RU2133645C1 - Centrifugal-vibration concentrator - Google Patents

Abstract

FIELD: concentration of mineral resources, applicable for separation of solid particles in density, for instance, for processing of gold-containing ores and fine-class sands. SUBSTANCE: the centrifugal-vibration concentrator has a bowl connected to the bottom of which with one end is a drive secured to a frame and communicating with the other end of the shaft, one end of the shaft is connected to the rotation drive through a cardan joint, the other end of the shaft is attached to the inner side of the bowl bottom, and on the outer side the bottom has a cylindrical lug of ferromagnetic material; located inside the lug is a pin attached to the frame, its termination is made in the form of a ring magnet. EFFECT: simplified design, enhanced reliability and expanded field of use. 1 dwg

Description

 The invention relates to the field of mineral processing and can be used to separate solid particles by density, for example, for processing gold-bearing ores and sands of thin classes.
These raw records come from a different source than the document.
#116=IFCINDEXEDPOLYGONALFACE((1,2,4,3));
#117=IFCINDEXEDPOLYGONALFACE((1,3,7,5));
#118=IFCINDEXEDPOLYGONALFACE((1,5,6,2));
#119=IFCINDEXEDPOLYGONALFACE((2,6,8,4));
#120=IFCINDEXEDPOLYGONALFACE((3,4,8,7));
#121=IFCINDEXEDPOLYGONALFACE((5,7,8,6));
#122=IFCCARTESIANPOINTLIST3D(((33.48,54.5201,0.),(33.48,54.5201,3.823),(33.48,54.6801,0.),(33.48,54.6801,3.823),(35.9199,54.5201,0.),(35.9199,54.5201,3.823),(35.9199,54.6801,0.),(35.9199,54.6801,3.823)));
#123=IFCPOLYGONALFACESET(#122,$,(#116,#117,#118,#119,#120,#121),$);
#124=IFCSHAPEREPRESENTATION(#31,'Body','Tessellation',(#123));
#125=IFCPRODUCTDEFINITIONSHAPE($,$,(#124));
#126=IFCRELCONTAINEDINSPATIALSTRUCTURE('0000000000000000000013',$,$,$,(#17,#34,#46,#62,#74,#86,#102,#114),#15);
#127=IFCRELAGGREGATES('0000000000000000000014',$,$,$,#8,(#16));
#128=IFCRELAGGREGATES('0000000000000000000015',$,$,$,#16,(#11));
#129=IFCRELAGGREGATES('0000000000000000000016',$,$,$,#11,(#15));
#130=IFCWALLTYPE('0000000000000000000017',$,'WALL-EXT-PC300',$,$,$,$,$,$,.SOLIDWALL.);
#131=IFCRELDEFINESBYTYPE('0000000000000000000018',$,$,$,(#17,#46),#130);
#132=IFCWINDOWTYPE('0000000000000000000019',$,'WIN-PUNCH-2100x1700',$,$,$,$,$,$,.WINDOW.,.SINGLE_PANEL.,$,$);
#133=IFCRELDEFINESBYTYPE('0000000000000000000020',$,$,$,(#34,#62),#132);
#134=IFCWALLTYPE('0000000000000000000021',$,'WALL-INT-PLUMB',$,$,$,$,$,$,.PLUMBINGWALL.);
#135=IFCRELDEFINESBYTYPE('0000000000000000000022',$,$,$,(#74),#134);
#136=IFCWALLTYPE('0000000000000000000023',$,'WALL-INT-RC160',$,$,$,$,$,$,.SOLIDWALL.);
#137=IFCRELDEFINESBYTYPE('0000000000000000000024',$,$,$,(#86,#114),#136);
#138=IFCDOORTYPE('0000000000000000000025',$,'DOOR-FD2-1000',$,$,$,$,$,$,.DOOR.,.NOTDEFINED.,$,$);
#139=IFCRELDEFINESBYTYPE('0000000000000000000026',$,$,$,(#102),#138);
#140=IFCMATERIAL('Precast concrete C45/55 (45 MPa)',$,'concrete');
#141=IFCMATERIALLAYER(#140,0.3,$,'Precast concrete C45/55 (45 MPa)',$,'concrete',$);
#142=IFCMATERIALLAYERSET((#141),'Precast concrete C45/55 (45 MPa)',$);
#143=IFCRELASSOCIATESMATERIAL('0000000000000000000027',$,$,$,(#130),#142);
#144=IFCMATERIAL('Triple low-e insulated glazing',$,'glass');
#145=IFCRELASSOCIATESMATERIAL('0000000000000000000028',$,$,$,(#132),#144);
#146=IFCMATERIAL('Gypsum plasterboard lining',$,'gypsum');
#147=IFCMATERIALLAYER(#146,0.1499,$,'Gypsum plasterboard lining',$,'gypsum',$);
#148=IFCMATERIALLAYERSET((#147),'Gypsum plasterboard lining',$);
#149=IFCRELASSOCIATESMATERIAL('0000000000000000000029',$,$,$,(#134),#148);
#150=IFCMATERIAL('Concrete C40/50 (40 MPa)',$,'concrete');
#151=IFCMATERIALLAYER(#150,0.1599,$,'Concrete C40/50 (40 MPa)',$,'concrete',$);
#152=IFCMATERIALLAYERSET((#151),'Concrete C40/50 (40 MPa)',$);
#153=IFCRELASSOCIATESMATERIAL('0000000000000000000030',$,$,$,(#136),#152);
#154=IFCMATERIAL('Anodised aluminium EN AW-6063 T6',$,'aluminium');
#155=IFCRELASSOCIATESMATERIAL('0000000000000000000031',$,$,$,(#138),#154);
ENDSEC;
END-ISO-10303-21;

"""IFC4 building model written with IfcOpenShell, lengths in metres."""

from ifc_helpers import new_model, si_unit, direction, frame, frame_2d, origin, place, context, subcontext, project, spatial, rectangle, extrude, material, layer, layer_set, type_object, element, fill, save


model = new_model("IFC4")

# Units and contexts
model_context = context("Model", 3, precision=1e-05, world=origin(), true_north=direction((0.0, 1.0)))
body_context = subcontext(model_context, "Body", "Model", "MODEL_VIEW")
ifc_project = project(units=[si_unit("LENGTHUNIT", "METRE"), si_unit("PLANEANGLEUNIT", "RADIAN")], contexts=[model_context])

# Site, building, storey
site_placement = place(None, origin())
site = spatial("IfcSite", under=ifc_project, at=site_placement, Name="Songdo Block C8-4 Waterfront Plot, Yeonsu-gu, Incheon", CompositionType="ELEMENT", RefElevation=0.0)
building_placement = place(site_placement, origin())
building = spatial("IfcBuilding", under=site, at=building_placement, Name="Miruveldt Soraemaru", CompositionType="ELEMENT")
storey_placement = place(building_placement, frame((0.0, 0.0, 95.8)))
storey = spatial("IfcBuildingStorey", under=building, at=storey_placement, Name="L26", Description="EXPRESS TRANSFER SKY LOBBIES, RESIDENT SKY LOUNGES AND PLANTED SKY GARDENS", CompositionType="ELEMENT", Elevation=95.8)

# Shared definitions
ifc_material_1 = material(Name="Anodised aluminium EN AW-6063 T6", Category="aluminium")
 Centrifugal devices are known in which centrifugal forces many times greater than the force of their own weight act on particles of a material. For example, bowl concentrators (1). Such hubs comprise a rotatable bowl with arrester on the inner surface in the form of annular grooves. Power is supplied to the bottom of the bowl, during operation, the heavy concentrate is collected in the annular grooves, as it accumulates, the bowl stops or slows down, the power stops and the concentrate is washed off through an opening at the bottom of the bowl.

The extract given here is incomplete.